- D.C. Torium | Chicago, Illinois
This is going to be a record release show fro Stomatopod, so bring your turn tables!
Record release party!! Come join us on Dec. 14 with some other great bands as we celebrate the release of our second album, “Broken Crucible.” DC Torium is an awesome DIY art space, and we’re psyched to be playing there with a bunch of our friends. It’s BYOB, so when we say it’s going to be a party; we mean it!
Cornbrat Pre-Show Interview
In the run-up to the show we were interviewed by Calvin. Here is said interview:
CORNBRAT: Welcome back to D.C. Torium, Nonagon. You played here with self-evident and TRAINDODGE in May 2019. What's been keeping you all occupied since we last saw you?
Robert: We have been in the process of recording a new record!
John: We are hoping to finish it up at Electrical Audio this week and plan for a Summer ’20 release… After 17 years as a band we will finally have an actual, full-length LP.
Tony: We'll leave it up to the reader as to what "LP" really stands for.
CORNBRAT: How did you guys first meet and decide to play together?
Robert: I replied to an ad looking for a bass player for sexiest band in Chicago. When that didn't pan out, John and Tony asked me to play in their band.
John: Tony and I had played in one of those “one show at the Fireside before breaking up” bands but decided we liked each other’s dumb jokes too much to call it quits. I had just reconnected with Robert who I knew from the early-nineties, Champaign, rock days so I was relieved when the sexy band turned him down and we could snatch him up.
Tony: I also auditioned as bass player for the sexiest band in Chicago, but Hungry Man didn't want me.
CORNBRAT: This past spring, Nonagon played at the Phratry Records documentary premiere and music showcase in Newport, Kentucky. Can you tell us about that experience, and about any memorable gigs you've played with Phratry recording artists?
Robert: We've done several weekend tours with Knife the Symphony and they are always fun. Especially after the shows when we dance in the parking lot.
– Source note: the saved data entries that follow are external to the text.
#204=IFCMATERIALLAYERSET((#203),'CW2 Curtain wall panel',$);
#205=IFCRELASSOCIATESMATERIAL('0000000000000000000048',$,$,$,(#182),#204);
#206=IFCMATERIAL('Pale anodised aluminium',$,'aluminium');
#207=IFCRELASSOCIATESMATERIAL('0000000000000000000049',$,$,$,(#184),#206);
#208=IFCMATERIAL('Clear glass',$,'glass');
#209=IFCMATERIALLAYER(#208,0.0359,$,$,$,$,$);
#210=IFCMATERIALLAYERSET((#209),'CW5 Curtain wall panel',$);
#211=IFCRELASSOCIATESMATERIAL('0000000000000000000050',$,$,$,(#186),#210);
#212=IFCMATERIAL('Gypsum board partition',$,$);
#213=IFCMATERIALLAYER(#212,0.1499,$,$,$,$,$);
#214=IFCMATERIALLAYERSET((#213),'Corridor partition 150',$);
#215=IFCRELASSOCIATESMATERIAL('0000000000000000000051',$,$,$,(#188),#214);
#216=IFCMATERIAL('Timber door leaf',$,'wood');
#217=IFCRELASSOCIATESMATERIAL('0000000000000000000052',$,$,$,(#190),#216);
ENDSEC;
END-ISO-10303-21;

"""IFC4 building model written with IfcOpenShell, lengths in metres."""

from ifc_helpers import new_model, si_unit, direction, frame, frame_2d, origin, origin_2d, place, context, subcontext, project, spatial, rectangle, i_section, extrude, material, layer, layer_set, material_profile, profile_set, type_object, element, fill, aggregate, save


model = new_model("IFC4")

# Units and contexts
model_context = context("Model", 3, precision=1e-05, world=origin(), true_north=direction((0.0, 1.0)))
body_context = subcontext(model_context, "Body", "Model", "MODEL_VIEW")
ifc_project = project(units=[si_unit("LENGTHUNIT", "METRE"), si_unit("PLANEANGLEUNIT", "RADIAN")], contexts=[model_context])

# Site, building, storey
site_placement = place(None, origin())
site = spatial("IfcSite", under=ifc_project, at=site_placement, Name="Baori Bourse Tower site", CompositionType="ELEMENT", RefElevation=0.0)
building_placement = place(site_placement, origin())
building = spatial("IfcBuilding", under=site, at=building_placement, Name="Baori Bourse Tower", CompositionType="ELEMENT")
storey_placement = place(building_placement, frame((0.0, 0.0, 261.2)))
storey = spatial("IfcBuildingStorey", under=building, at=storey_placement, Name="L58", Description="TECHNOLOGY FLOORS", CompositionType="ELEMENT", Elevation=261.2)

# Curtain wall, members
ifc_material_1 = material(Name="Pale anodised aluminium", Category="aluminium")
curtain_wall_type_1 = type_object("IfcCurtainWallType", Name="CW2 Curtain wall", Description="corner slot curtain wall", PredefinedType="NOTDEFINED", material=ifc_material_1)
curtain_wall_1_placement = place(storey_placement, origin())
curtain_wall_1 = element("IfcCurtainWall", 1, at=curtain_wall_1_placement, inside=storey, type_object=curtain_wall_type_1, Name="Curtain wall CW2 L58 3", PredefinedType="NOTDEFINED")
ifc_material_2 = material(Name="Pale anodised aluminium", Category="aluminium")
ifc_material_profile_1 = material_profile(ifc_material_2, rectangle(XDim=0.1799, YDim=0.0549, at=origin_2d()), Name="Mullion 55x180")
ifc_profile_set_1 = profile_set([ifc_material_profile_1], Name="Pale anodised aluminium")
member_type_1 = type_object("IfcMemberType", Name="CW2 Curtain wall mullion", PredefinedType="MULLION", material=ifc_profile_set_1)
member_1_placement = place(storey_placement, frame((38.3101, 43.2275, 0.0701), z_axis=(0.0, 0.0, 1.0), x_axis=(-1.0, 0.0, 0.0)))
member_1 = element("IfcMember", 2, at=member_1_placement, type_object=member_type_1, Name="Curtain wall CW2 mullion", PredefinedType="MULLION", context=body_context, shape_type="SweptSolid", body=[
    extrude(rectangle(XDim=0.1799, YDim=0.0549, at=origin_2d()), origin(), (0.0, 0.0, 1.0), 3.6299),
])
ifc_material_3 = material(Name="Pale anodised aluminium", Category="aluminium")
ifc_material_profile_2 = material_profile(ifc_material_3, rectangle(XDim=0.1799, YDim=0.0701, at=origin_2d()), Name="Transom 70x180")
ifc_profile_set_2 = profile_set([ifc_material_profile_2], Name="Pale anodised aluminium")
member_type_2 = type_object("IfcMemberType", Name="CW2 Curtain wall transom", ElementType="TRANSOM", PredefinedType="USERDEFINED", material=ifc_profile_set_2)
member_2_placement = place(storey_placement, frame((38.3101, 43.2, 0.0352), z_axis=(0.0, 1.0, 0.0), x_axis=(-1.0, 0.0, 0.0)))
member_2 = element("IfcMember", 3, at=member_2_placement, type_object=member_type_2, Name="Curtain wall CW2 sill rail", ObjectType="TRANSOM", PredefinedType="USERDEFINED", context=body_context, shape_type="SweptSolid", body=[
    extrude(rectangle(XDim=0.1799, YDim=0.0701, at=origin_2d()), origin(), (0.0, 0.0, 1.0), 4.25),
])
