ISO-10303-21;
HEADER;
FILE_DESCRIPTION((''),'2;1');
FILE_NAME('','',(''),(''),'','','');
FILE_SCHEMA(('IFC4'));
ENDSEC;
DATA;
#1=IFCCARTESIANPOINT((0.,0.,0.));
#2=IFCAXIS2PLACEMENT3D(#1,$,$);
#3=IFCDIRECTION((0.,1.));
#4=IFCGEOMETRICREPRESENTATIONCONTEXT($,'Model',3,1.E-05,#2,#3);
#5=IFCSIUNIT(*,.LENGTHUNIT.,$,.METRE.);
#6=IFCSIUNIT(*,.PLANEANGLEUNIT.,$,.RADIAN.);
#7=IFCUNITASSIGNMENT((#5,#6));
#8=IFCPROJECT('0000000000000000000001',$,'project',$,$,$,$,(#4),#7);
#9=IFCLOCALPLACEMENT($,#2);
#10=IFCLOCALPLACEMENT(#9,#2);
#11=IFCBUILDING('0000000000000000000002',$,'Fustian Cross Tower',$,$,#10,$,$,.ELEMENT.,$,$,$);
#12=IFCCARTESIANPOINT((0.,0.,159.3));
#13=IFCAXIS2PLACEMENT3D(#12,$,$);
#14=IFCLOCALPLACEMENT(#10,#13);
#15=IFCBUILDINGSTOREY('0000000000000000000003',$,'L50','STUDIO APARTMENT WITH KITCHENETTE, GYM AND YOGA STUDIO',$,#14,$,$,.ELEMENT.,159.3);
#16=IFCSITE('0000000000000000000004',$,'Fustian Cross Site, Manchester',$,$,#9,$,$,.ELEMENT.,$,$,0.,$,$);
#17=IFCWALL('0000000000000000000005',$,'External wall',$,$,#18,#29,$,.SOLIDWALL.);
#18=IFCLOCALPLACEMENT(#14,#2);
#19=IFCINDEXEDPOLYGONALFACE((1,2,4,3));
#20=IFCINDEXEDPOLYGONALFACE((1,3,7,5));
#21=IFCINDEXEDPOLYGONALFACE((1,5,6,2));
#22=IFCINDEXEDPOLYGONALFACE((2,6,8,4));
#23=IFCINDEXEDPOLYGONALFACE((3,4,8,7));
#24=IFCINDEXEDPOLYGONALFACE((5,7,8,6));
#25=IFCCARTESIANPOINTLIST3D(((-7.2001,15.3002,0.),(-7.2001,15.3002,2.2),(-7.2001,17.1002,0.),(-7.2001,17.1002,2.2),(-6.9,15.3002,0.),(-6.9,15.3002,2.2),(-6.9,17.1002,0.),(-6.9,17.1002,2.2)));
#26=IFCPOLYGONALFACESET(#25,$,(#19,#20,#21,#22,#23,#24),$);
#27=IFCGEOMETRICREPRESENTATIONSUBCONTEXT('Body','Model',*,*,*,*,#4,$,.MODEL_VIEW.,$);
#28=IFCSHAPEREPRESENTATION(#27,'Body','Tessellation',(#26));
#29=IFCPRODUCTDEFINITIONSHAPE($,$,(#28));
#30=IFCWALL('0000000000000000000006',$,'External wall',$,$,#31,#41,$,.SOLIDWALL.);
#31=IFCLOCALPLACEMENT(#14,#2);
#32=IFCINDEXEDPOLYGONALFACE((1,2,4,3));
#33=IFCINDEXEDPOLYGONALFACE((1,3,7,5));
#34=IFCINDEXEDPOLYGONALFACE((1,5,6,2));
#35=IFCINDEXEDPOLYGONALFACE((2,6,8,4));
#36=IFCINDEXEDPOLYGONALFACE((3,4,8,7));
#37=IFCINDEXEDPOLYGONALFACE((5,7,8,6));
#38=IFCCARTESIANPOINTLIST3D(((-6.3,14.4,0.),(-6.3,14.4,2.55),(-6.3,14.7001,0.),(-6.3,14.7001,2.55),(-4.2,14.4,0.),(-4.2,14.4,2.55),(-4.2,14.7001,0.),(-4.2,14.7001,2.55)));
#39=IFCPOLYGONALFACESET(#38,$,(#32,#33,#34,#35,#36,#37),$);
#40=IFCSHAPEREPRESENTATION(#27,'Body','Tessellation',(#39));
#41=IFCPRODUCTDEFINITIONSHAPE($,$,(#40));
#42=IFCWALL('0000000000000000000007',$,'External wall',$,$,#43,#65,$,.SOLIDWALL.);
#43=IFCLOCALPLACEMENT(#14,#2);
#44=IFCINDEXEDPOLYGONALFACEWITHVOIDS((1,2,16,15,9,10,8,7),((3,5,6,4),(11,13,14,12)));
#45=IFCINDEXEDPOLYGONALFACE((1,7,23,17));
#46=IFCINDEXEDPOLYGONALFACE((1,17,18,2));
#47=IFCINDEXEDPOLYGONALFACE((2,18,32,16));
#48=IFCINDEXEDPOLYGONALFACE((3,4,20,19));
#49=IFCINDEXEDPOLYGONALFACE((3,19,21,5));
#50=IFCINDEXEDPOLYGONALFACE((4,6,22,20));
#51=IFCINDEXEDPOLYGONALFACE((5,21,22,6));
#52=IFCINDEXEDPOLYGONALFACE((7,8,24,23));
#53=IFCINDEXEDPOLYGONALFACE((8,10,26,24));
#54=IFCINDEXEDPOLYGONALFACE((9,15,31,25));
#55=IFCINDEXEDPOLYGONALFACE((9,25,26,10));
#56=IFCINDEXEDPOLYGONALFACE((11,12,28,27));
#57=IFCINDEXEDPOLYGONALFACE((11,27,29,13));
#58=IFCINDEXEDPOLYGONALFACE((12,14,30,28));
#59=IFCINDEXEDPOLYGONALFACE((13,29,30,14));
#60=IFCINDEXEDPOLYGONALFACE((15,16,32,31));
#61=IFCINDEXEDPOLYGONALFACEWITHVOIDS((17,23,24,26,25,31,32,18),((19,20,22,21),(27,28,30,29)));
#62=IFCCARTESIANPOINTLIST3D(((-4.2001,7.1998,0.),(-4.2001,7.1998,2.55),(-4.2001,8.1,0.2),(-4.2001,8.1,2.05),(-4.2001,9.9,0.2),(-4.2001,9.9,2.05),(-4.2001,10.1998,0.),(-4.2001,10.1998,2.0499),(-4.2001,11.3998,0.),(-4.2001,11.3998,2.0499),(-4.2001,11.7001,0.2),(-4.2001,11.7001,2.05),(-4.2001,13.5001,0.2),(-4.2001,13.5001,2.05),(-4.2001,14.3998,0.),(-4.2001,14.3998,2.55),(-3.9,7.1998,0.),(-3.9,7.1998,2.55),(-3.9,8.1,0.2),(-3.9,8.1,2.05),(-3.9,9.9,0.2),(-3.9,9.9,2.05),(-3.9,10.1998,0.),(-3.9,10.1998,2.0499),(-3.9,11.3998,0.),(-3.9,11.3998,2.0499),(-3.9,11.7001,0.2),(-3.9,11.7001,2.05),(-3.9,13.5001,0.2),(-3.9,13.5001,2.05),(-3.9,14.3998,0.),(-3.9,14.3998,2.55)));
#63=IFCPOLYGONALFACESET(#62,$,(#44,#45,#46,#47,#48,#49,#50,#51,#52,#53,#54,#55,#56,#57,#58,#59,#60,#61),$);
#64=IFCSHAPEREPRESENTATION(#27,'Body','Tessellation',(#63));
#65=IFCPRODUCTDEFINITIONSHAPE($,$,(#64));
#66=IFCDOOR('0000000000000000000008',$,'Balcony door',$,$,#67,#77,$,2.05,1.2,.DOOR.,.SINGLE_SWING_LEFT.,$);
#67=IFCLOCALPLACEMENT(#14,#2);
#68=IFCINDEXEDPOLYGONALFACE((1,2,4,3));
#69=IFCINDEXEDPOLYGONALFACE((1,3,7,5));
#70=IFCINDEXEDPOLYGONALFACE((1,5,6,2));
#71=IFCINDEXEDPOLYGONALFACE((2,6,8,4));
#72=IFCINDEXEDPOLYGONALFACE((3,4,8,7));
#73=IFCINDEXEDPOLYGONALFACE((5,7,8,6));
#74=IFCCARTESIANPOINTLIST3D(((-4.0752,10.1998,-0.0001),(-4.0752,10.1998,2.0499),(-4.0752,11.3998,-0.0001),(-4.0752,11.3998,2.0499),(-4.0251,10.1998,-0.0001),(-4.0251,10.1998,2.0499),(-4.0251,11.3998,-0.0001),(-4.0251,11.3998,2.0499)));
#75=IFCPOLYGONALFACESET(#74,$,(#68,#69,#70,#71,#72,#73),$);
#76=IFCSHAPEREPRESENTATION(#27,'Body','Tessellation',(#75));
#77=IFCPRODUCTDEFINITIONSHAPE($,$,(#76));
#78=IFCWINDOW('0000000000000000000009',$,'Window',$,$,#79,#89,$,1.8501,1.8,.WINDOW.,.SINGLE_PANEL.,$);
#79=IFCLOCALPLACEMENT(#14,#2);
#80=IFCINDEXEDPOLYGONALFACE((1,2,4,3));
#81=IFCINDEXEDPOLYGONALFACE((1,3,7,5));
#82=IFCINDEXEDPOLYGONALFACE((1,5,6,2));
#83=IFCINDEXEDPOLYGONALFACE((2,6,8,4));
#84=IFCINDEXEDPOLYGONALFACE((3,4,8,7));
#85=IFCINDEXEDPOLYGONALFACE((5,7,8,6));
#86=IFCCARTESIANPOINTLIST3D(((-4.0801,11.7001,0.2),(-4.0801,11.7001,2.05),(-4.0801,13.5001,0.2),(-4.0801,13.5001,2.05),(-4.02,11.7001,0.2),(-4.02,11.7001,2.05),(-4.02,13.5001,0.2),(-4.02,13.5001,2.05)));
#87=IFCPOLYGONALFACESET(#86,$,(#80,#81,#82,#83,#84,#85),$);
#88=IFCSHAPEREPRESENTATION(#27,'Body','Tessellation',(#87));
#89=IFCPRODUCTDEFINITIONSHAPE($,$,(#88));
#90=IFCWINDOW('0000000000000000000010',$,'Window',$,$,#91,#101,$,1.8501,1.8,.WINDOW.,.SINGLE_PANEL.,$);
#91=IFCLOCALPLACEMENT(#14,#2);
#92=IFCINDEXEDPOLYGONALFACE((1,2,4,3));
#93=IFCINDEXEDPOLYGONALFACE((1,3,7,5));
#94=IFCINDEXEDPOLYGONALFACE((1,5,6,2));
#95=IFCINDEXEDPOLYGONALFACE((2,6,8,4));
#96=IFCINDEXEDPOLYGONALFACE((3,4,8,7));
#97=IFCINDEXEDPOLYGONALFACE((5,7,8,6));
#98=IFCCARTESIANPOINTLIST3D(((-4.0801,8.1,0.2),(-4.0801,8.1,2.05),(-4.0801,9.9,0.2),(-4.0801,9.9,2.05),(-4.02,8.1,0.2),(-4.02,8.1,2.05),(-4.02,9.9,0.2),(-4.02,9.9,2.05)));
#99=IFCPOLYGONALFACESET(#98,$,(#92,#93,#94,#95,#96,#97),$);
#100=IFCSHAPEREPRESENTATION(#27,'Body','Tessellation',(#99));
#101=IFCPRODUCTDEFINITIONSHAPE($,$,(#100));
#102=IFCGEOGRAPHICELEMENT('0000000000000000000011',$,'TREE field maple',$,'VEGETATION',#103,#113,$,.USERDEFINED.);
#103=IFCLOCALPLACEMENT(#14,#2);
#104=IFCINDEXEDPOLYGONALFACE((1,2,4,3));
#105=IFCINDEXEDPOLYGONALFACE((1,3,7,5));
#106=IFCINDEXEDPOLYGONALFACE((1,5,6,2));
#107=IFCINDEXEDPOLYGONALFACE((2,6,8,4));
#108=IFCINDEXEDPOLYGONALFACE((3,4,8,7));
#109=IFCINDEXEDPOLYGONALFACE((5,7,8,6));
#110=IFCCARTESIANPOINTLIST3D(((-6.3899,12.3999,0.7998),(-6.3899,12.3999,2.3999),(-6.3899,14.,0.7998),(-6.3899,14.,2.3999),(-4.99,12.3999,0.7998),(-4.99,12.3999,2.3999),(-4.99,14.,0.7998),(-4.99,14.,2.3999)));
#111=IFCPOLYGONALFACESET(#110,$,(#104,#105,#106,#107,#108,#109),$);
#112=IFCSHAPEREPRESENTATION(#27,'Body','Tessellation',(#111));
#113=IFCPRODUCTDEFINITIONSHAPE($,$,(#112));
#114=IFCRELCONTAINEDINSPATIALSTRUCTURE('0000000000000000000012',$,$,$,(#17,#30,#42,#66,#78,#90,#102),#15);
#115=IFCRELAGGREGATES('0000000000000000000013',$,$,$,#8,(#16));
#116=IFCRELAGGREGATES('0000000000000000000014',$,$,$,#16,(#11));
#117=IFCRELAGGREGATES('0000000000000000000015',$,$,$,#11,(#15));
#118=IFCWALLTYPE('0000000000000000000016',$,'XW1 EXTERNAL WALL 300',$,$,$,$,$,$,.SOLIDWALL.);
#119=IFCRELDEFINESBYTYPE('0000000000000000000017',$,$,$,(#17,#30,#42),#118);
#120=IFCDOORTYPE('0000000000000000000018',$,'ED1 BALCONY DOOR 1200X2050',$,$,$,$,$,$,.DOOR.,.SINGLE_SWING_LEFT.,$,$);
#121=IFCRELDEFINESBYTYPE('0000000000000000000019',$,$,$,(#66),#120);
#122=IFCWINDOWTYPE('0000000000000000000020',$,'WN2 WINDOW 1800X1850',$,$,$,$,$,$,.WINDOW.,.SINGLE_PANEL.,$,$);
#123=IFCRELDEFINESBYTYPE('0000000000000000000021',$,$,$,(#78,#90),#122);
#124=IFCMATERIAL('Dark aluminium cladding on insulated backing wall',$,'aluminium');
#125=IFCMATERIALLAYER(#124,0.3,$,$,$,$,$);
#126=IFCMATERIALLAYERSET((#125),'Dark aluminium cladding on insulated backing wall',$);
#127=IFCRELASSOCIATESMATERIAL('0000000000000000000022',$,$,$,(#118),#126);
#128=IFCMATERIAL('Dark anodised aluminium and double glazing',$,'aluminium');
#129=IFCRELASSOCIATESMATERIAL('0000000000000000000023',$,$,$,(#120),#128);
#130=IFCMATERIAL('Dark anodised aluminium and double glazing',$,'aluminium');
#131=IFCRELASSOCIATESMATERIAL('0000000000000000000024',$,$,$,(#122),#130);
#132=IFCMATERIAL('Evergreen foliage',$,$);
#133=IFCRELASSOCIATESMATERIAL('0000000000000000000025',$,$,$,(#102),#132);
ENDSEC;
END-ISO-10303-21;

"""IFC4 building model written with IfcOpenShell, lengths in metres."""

from ifc_helpers import new_model, si_unit, direction, frame, frame_2d, origin, origin_2d, place, context, subcontext, project, spatial, rectangle, extrude, material, layer, layer_set, type_object, element, fill, save


model = new_model("IFC4")

# Units and contexts
model_context = context("Model", 3, precision=1e-05, world=origin(), true_north=direction((0.0, 1.0)))
body_context = subcontext(model_context, "Body", "Model", "MODEL_VIEW")
ifc_project = project(units=[si_unit("LENGTHUNIT", "METRE"), si_unit("PLANEANGLEUNIT", "RADIAN")], contexts=[model_context])

# Site, building, storey
site_placement = place(None, origin())
site = spatial("IfcSite", under=ifc_project, at=site_placement, Name="Fustian Cross Site, Manchester", CompositionType="ELEMENT", RefElevation=0.0)
building_placement = place(site_placement, origin())
building = spatial("IfcBuilding", under=site, at=building_placement, Name="Fustian Cross Tower", CompositionType="ELEMENT")
storey_placement = place(building_placement, frame((0.0, 0.0, 159.3)))
storey = spatial("IfcBuildingStorey", under=building, at=storey_placement, Name="L50", Description="STUDIO APARTMENT WITH KITCHENETTE, GYM AND YOGA STUDIO", CompositionType="ELEMENT", Elevation=159.3)

# Walls
ifc_material_1 = material(Name="Dark aluminium cladding on insulated backing wall", Category="aluminium")
ifc_layer_1 = layer(ifc_material_1, 0.3)
ifc_layer_set_1 = layer_set([ifc_layer_1], Name="Dark aluminium cladding on insulated backing wall")
wall_type_1 = type_object("IfcWallType", Name="XW1 EXTERNAL WALL 300", PredefinedType="SOLIDWALL", material=ifc_layer_set_1)
wall_1_placement = place(storey_placement, frame((-7.05, 17.1001, 0.0), z_axis=(0.0, 0.0, 1.0), x_axis=(0.0, -1.0, 0.0)))
element("IfcWall", 1, at=wall_1_placement, inside=storey, type_object=wall_type_1, Name="External wall", PredefinedType="SOLIDWALL", context=body_context, shape_type="SweptSolid", body=[
    extrude(rectangle(XDim=1.8, YDim=0.3, at=frame_2d((0.8999, 0.0))), origin(), (0.0, 0.0, 1.0), 2.2),
])
wall_2_placement = place(storey_placement, frame((-6.3, 14.55, 0.0), z_axis=(0.0, 0.0, 1.0), x_axis=(1.0, 0.0, 0.0)))
element("IfcWall", 2, at=wall_2_placement, inside=storey, type_object=wall_type_1, Name="External wall", PredefinedType="SOLIDWALL", context=body_context, shape_type="SweptSolid", body=[
    extrude(rectangle(XDim=2.1001, YDim=0.3, at=frame_2d((1.05, 0.0))), origin(), (0.0, 0.0, 1.0), 2.55),
])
John: During one tour we all caught a matinee of Fury Road together. During our drive to the next city, Jerry jumped from their speeding van into ours and stabbed Tony with a spear fashioned from a rusty hi-hat stand.
Tony: Can't keep John away from that Cincinnati Chili. Any reason to head that way for a show and he's in.
CORNBRAT: What does 2020 have in store for Nonagon?
Robert: At the rate we're going, probably more overdubs on the record.
John: New record. Weekend tours. Looking for a new bass player… The usual.
Tony: We'll probably be the opener for one of our kids' bands, if they'll let us.
CORNBRAT: How have you seen Chicago's music landscape change in the past two decades?
John: I’m not sure we’re in the right position to say. 1) We aged out of it a while back. 2) We’ve lucked into a vibrant, creative, and ever-evolving pocket of it that hasn’t really adhered to the rules of the rest of the city’s “scene.” We keep meeting folks who make amazing music, but other than that our POV is mercifully myopic.
CORNBRAT: Who are a few of your favorite active Chicagoland bands?
John: The list is ridiculously long, but the bands on this upcoming bill (Stomatopod, Whelms, Dummy) would be a great place to start. Djunah, sewingneedle, Salvation, The Cell Phones, Terriers, Shellac, Rented Rooms, Paper Mice, Daddy’s Boy, Sweet Cobra, Panda Riot, Imelda Marcos, Photo-Curio, the “Mans” (both Montrose Man and Hungry Man)… I could go on for a LONG TIME. Chicago is in a really good place right now.
Tony: All our friends' bands are the best bands.
CORNBRAT: Can I get some more snare in your monitors, Rob and John?
Robert: I have learned to tune out Tony while I play.
John: God no… That snare is ridiculous. It can be heard from space.
Tony: EVEN I DON'T WANT THAT THING IN MY MONITOR.
CORNBRAT: Who smells the worst after a show?
Robert: I don't sweat, but it's probably still me with my ever-changing fad diets.
John: Tony’s cologne is called “Dreams” or “Whispers” or some shit… so, yeah… Tony.
Tony: By worst, you mean best. Thank you. Also: I sweat, but I never smell bad. So there.
CORNBRAT: You have $10 for lunch in Chicago. Where are you going?
Robert: Chick Fil A, for God hath blessed me with the rich bounty of ten dollars. Amen.
John: Wherever Robert isn’t
Tony: Does Satan have a lunch spot?
CORNBRAT: Any shout outs you'd like to give to people who've shaped what Nonagon is?
Robert: Is beer a person?
John: It took a village to raise us. Throw a random dart at any PRF BBQ and you are going to hit someone who helped us.
Tony: If it weren't for our very forgiving wives, we'd have broken up 15 years ago.